Hier fanden sich die seltsamen Bäume auf Luftwurzeln, der Teppanbaum, dessen erste Äste in der Höhe von etwa 3—4 Metern sich seitwärts senkten, und in dessen Stamm unzählige wilde Bienenschwärme ihre Nester bauten; die sonderbare Kannenpflanze mit ihren wie eine Waschkanne geformten purpurnen Blüten; Gummibäume, der Taban, welcher die vortrefflichste Guttapercha liefert, der Sagobaum und die Rotangpalme, deren Stengel man gemeinhin Spanisches Rohr nennt.

Ein Baum war es besonders, der den jungen Leuten als ganz fremd sogleich in die Augen fiel.

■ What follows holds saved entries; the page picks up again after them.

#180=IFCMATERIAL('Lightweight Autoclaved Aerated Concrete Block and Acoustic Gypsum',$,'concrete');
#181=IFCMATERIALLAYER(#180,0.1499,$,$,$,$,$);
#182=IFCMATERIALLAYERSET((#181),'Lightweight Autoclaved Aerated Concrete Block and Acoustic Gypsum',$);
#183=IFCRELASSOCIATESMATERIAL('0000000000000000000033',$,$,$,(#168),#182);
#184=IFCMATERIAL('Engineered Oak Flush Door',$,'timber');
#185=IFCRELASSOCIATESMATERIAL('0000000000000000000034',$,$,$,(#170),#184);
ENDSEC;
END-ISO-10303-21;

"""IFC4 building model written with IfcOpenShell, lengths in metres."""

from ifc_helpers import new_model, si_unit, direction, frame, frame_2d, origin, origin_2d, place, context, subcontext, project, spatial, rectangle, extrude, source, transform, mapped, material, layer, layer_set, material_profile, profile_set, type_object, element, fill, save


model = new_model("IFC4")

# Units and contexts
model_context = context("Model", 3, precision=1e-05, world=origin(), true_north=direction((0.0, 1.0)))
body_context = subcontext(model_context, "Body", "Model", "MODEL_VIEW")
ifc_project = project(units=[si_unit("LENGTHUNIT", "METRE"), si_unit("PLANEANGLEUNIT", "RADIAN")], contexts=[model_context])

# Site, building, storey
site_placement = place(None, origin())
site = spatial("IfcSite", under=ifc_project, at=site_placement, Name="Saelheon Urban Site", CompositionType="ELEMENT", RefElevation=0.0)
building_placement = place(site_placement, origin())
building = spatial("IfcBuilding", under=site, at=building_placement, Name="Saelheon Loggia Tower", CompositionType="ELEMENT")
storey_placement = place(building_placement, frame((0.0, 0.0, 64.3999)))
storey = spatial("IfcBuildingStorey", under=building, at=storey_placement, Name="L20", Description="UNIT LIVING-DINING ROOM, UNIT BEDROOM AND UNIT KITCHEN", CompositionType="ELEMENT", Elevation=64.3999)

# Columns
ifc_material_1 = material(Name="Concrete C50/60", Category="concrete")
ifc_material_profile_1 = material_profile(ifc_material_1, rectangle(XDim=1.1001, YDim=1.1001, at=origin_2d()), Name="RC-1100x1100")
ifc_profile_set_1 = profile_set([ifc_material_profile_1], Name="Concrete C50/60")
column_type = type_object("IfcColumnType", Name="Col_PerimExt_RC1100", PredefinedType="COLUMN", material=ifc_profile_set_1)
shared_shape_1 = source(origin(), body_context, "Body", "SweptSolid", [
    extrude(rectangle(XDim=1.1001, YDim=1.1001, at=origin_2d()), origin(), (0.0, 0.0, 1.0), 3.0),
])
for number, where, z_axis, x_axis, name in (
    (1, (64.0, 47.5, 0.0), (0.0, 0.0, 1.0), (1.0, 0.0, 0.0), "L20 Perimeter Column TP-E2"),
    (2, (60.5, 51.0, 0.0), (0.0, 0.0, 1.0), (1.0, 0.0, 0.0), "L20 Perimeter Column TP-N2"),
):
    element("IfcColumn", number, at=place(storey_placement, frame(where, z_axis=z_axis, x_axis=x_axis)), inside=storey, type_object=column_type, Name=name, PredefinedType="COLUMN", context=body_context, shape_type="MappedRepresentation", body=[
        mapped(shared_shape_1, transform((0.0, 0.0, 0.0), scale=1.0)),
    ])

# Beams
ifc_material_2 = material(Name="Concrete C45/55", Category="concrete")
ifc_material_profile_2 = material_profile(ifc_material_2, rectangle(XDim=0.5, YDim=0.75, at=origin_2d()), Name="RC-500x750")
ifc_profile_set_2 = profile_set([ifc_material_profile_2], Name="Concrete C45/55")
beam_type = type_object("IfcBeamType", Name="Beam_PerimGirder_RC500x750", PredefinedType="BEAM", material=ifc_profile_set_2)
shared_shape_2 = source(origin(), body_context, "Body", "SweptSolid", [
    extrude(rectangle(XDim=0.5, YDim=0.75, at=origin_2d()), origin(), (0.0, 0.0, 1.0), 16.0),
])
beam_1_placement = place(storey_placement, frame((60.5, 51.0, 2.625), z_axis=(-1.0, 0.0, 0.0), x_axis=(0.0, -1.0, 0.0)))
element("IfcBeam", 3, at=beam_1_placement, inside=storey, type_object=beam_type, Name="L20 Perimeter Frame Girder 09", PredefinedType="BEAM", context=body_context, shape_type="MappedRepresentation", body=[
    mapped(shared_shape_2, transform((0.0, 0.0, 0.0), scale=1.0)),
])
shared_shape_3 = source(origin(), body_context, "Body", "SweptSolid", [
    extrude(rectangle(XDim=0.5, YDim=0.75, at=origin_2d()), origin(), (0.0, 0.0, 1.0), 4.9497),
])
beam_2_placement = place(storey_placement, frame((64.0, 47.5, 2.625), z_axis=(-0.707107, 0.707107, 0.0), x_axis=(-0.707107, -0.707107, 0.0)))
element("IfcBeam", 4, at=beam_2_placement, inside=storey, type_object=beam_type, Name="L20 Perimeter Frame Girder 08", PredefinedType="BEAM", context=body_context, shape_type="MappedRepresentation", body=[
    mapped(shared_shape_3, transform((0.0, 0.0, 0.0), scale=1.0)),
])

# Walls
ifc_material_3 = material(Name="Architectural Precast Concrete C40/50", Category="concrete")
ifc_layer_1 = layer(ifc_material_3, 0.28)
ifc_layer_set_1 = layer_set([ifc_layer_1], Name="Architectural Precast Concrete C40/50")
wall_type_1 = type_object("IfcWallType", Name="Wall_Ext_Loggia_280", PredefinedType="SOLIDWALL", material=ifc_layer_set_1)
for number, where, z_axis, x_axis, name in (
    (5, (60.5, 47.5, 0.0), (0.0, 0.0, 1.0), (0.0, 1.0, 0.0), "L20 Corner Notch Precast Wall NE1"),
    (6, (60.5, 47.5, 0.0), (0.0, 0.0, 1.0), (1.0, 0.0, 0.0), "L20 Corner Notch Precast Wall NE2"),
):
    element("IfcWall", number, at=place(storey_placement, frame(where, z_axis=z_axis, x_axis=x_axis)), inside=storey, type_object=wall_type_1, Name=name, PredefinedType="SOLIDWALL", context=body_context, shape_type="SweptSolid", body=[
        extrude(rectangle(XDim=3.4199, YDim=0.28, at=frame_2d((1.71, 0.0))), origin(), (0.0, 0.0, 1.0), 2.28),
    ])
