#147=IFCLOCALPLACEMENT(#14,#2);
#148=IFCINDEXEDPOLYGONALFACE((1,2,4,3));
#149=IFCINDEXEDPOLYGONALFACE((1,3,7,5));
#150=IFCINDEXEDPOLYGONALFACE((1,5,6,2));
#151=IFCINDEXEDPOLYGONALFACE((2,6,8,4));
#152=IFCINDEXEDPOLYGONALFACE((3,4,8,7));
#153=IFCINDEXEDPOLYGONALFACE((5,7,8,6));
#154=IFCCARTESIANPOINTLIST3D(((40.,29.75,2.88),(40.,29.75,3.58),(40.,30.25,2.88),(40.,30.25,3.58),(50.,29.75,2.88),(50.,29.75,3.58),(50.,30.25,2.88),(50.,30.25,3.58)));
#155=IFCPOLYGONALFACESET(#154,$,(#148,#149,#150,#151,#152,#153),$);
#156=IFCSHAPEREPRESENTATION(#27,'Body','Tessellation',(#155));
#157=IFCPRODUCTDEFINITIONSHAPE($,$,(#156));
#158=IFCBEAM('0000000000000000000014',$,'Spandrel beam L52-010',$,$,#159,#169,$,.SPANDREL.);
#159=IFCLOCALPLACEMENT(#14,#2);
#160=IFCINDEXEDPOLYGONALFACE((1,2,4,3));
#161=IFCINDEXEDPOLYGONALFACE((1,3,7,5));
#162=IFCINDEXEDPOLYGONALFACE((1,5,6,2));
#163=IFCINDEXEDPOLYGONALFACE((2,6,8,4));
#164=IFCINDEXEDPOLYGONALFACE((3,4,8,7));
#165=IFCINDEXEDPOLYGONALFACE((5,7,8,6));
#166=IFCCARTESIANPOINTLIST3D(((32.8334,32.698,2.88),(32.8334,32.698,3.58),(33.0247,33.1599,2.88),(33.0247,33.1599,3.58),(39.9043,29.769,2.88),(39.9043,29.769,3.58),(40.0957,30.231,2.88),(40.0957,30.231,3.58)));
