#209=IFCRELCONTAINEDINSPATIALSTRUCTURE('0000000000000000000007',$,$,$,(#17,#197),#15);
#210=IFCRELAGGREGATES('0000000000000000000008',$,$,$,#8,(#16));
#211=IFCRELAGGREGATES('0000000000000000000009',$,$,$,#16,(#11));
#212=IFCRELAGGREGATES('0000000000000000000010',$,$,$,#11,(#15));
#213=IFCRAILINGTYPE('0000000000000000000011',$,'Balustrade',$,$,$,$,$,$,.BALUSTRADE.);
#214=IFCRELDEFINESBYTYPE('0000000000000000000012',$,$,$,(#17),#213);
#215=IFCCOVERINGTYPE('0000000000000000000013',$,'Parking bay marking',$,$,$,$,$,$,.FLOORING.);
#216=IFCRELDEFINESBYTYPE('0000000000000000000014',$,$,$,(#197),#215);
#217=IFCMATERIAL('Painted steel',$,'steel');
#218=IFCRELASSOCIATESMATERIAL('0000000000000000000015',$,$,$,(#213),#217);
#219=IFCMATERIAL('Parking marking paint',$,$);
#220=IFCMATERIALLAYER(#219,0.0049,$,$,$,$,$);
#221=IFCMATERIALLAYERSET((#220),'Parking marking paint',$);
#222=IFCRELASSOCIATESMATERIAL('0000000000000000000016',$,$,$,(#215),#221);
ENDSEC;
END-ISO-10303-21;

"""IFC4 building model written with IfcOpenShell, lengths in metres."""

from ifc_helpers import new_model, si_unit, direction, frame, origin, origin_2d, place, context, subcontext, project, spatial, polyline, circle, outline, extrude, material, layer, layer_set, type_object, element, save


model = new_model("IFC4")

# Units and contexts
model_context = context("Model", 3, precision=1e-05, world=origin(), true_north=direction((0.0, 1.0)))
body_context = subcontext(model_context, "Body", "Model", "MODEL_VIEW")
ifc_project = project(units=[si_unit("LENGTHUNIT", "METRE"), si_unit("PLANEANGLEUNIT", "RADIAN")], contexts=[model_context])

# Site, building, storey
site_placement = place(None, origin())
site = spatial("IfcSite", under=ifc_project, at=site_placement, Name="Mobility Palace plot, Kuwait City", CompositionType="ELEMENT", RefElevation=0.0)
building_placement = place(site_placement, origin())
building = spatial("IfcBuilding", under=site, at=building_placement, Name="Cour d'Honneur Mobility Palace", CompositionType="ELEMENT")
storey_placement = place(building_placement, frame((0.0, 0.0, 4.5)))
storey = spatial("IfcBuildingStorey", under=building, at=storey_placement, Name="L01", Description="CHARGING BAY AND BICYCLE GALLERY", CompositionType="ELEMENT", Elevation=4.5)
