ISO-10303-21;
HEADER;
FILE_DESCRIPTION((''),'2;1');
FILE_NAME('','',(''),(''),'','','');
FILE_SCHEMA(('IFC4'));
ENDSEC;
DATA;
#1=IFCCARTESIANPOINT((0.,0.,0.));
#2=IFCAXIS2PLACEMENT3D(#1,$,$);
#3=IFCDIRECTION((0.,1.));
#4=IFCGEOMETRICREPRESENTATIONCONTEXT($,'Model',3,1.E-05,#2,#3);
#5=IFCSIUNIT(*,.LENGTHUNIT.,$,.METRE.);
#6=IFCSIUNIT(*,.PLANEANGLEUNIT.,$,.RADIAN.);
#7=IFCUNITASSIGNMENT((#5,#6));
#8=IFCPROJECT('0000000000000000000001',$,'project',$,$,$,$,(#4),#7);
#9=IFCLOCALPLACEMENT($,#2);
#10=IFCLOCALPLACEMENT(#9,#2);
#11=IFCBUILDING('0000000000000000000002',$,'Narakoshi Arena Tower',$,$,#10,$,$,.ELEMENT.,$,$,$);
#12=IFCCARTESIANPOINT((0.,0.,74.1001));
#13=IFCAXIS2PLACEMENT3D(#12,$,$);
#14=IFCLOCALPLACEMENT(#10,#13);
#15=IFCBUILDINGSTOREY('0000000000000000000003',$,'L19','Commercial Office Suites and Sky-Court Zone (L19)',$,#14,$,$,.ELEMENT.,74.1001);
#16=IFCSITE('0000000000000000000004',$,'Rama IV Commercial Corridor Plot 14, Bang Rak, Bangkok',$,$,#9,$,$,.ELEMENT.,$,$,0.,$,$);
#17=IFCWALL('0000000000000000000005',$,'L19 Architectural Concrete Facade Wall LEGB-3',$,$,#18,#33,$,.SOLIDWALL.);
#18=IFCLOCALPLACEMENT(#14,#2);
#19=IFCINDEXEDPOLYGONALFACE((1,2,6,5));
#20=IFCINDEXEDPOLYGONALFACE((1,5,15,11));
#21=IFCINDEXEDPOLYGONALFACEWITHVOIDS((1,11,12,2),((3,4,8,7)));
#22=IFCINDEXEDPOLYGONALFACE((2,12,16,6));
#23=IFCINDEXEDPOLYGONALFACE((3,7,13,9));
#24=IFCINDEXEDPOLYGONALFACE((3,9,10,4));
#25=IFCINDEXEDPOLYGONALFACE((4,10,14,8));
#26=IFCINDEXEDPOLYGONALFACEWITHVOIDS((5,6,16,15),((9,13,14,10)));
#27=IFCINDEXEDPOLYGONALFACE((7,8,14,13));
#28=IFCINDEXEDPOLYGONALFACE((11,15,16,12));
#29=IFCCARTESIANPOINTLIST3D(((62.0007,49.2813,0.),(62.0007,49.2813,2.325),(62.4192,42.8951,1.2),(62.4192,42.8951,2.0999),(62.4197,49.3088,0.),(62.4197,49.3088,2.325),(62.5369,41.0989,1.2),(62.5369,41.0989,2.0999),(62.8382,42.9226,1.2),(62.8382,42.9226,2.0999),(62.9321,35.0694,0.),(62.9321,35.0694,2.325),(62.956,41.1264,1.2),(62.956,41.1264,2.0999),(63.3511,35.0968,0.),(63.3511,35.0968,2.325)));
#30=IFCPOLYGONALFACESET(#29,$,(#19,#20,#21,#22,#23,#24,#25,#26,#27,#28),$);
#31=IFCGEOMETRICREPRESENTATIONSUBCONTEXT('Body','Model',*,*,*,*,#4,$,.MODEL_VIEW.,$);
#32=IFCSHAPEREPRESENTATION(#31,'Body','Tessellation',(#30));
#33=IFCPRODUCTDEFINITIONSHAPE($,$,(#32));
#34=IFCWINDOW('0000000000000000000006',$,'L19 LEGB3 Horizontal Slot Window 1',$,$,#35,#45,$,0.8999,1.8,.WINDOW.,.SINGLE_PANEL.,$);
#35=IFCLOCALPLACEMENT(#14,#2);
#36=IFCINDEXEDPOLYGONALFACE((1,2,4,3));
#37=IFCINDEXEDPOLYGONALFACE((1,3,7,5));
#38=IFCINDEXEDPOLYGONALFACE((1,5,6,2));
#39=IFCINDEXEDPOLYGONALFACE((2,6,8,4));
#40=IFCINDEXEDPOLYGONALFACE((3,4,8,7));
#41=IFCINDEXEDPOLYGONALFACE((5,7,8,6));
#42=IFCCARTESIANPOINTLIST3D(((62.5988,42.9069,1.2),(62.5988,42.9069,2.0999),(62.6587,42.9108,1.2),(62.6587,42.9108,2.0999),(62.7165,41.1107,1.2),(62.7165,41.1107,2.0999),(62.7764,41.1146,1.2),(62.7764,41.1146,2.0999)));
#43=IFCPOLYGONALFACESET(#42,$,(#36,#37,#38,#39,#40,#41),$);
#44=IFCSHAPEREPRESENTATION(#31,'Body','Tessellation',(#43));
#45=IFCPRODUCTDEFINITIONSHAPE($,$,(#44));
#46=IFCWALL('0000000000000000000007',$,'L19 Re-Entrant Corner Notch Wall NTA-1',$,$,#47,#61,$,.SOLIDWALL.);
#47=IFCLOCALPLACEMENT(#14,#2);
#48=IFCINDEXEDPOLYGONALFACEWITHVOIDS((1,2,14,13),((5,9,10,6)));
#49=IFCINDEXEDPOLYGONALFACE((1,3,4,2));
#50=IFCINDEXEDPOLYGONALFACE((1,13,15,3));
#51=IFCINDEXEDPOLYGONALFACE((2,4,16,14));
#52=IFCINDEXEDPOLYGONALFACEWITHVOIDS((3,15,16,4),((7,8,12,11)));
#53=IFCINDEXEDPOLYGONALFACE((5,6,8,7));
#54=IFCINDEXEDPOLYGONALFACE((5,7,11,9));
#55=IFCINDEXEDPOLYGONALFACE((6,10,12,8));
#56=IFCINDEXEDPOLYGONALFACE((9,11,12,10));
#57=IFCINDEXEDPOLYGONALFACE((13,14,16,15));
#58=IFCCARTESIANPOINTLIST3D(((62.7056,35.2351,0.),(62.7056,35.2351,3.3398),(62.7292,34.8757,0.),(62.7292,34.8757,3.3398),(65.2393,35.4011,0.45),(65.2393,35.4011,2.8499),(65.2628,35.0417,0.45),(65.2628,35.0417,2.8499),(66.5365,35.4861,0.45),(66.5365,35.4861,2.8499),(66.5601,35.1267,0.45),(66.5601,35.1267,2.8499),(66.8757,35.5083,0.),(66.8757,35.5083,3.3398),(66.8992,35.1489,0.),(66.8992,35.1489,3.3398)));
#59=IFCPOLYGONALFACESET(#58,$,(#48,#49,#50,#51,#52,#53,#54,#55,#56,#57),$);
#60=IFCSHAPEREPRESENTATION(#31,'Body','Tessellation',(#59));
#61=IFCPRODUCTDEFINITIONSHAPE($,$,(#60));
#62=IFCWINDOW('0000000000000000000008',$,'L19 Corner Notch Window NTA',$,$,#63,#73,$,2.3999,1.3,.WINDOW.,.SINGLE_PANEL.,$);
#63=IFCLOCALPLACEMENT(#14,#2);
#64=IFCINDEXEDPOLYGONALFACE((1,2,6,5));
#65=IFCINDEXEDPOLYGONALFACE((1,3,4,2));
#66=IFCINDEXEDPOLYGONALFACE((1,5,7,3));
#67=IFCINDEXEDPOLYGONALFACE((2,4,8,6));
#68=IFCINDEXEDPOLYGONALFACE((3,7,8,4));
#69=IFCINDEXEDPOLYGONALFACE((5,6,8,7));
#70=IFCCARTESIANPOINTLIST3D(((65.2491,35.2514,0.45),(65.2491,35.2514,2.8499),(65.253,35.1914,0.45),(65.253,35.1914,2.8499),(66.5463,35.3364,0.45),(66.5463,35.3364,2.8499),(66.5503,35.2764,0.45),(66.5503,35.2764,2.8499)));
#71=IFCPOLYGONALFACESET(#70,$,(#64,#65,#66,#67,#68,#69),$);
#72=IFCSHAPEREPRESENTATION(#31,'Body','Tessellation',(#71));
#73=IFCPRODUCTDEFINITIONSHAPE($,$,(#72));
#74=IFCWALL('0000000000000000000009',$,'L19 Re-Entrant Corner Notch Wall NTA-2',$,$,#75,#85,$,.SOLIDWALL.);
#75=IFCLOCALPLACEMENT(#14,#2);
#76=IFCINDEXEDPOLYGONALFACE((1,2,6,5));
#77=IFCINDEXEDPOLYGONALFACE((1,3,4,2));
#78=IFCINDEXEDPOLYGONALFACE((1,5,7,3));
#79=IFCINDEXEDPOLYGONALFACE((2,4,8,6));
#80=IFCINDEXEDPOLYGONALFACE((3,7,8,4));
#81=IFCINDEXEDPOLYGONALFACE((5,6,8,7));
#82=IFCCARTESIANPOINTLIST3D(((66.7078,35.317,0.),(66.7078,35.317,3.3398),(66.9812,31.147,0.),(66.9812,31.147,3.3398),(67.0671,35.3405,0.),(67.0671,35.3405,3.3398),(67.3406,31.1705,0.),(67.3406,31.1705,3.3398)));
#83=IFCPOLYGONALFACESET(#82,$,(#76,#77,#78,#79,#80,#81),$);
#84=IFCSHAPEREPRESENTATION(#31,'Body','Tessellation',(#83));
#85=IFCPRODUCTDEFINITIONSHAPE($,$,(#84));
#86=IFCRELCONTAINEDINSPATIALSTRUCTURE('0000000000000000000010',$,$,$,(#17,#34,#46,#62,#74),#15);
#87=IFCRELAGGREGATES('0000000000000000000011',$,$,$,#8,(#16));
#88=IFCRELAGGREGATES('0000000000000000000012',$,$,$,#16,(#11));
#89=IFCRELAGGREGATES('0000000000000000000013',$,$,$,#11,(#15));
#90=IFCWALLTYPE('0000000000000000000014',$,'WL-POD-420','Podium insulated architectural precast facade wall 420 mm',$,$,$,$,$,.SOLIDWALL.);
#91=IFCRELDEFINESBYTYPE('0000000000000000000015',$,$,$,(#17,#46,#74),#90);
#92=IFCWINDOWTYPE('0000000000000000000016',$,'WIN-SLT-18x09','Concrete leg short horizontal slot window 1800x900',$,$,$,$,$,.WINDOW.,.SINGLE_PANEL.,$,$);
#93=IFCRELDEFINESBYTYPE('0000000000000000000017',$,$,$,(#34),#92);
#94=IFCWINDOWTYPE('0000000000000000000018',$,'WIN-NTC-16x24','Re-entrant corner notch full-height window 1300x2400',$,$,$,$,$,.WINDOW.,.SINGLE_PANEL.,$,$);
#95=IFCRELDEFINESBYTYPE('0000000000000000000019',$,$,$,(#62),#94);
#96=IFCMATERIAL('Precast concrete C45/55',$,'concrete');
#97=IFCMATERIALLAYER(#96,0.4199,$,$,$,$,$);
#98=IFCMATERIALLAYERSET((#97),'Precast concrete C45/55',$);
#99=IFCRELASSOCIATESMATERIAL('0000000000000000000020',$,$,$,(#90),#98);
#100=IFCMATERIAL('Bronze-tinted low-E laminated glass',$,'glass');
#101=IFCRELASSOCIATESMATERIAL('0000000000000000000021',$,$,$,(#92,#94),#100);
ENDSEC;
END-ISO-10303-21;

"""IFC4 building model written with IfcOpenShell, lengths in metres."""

from ifc_helpers import new_model, si_unit, direction, frame, frame_2d, origin, place, context, subcontext, project, spatial, rectangle, extrude, material, layer, layer_set, type_object, element, fill, save


model = new_model("IFC4")

# Units and contexts
model_context = context("Model", 3, precision=1e-05, world=origin(), true_north=direction((0.0, 1.0)))
body_context = subcontext(model_context, "Body", "Model", "MODEL_VIEW")
ifc_project = project(units=[si_unit("LENGTHUNIT", "METRE"), si_unit("PLANEANGLEUNIT", "RADIAN")], contexts=[model_context])

# Site, building, storey
site_placement = place(None, origin())
site = spatial("IfcSite", under=ifc_project, at=site_placement, Name="Rama IV Commercial Corridor Plot 14, Bang Rak, Bangkok", CompositionType="ELEMENT", RefElevation=0.0)
building_placement = place(site_placement, origin())
building = spatial("IfcBuilding", under=site, at=building_placement, Name="Narakoshi Arena Tower", CompositionType="ELEMENT")
storey_placement = place(building_placement, frame((0.0, 0.0, 74.1001)))
storey = spatial("IfcBuildingStorey", under=building, at=storey_placement, Name="L19", Description="Commercial Office Suites and Sky-Court Zone (L19)", CompositionType="ELEMENT", Elevation=74.1001)

# Walls, openings, windows
ifc_material_1 = material(Name="Precast concrete C45/55", Category="concrete")
ifc_layer_1 = layer(ifc_material_1, 0.4199)
ifc_layer_set_1 = layer_set([ifc_layer_1], Name="Precast concrete C45/55")
wall_type_1 = type_object("IfcWallType", Name="WL-POD-420", Description="Podium insulated architectural precast facade wall 420 mm", PredefinedType="SOLIDWALL", material=ifc_layer_set_1)
ifc_material_2 = material(Name="Bronze-tinted low-E laminated glass", Category="glass")
wall_1_placement = place(storey_placement, frame((62.2102, 49.2949, 0.0), z_axis=(0.0, 0.0, 1.0), x_axis=(0.065396, -0.997859, 0.0)))
wall_1 = element("IfcWall", 1, at=wall_1_placement, inside=storey, type_object=wall_type_1, Name="L19 Architectural Concrete Facade Wall LEGB-3", PredefinedType="SOLIDWALL", context=body_context, shape_type="SweptSolid", body=[
    extrude(rectangle(XDim=14.2424, YDim=0.4199, at=frame_2d((7.1211, 0.0))), origin(), (0.0, 0.0, 1.0), 2.325),
])
opening_1_placement = place(wall_1_placement, frame((6.3999, 0.0, 1.2)))
opening_1 = element("IfcOpeningElement", 2, at=opening_1_placement, cuts=wall_1, PredefinedType="OPENING", context=body_context, shape_type="SweptSolid", body=[
    extrude(rectangle(XDim=1.8, YDim=0.8999, at=frame_2d((0.8999, 0.45))), frame((0.0, 0.22, 0.0), z_axis=(0.0, -1.0, 0.0), x_axis=(1.0, 0.0, 0.0)), (0.0, 0.0, 1.0), 0.4399),
])
window_type_1 = type_object("IfcWindowType", Name="WIN-SLT-18x09", Description="Concrete leg short horizontal slot window 1800x900", PartitioningType="SINGLE_PANEL", PredefinedType="WINDOW", material=ifc_material_2)
window_1_placement = place(opening_1_placement, origin())
window_1 = element("IfcWindow", 3, at=window_1_placement, inside=storey, type_object=window_type_1, Name="L19 LEGB3 Horizontal Slot Window 1", OverallHeight=0.8999, OverallWidth=1.8, PartitioningType="SINGLE_PANEL", PredefinedType="WINDOW", context=body_context, shape_type="SweptSolid", body=[
    extrude(rectangle(XDim=1.8, YDim=0.8999, at=frame_2d((0.8999, 0.45))), frame((0.0, 0.03, 0.0), z_axis=(0.0, -1.0, 0.0), x_axis=(1.0, 0.0, 0.0)), (0.0, 0.0, 1.0), 0.0601),
])
fill(opening_1, window_1)
wall_2_placement = place(storey_placement, frame((62.7175, 35.0554, 0.0), z_axis=(0.0, 0.0, 1.0), x_axis=(0.997861, 0.065375, 0.0)))
wall_2 = element("IfcWall", 4, at=wall_2_placement, inside=storey, type_object=wall_type_1, Name="L19 Re-Entrant Corner Notch Wall NTA-1", PredefinedType="SOLIDWALL", context=body_context, shape_type="SweptSolid", body=[
    extrude(rectangle(XDim=4.179, YDim=0.3601, at=frame_2d((2.0894, 0.0))), origin(), (0.0, 0.0, 1.0), 3.3398),
])
opening_2_placement = place(wall_2_placement, frame((2.5391, 0.0, 0.45)))
opening_2 = element("IfcOpeningElement", 5, at=opening_2_placement, cuts=wall_2, PredefinedType="OPENING", context=body_context, shape_type="SweptSolid", body=[
    extrude(rectangle(XDim=1.3, YDim=2.3999, at=frame_2d((0.6499, 1.2))), frame((0.0, 0.1899, 0.0), z_axis=(0.0, -1.0, 0.0), x_axis=(1.0, 0.0, 0.0)), (0.0, 0.0, 1.0), 0.3801),
])
window_type_2 = type_object("IfcWindowType", Name="WIN-NTC-16x24", Description="Re-entrant corner notch full-height window 1300x2400", PartitioningType="SINGLE_PANEL", PredefinedType="WINDOW", material=ifc_material_2)
window_2_placement = place(opening_2_placement, origin())
window_2 = element("IfcWindow", 6, at=window_2_placement, inside=storey, type_object=window_type_2, Name="L19 Corner Notch Window NTA", OverallHeight=2.3999, OverallWidth=1.3, PartitioningType="SINGLE_PANEL", PredefinedType="WINDOW", context=body_context, shape_type="SweptSolid", body=[
    extrude(rectangle(XDim=1.3, YDim=2.3999, at=frame_2d((0.6499, 1.2))), frame((0.0, 0.03, 0.0), z_axis=(0.0, -1.0, 0.0), x_axis=(1.0, 0.0, 0.0)), (0.0, 0.0, 1.0), 0.0601),
])
fill(opening_2, window_2)

# Wall
wall_3_placement = place(storey_placement, frame((66.8875, 35.3286, 0.0), z_axis=(0.0, 0.0, 1.0), x_axis=(0.065433, -0.997857, 0.0)))
element("IfcWall", 7, at=wall_3_placement, inside=storey, type_object=wall_type_1, Name="L19 Re-Entrant Corner Notch Wall NTA-2", PredefinedType="SOLIDWALL", context=body_context, shape_type="SweptSolid", body=[
    extrude(rectangle(XDim=4.179, YDim=0.3601, at=frame_2d((2.0894, 0.0))), origin(), (0.0, 0.0, 1.0), 3.3398),
])

save(model, "model.ifc")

Von schlankem, auffallend hohem Stamm, mit verhältnismäßig wenigen schwertförmigen Blättern, trug er hellrote, große Blumen und mit einer hölzernen Schale umgebene Früchte von der Größe eines Kopfes. Der Höhe wegen ließ sich Deutlicheres nicht erkennen, nur soviel stand fest, daß man diesem Baume noch nie vorher begegnet war.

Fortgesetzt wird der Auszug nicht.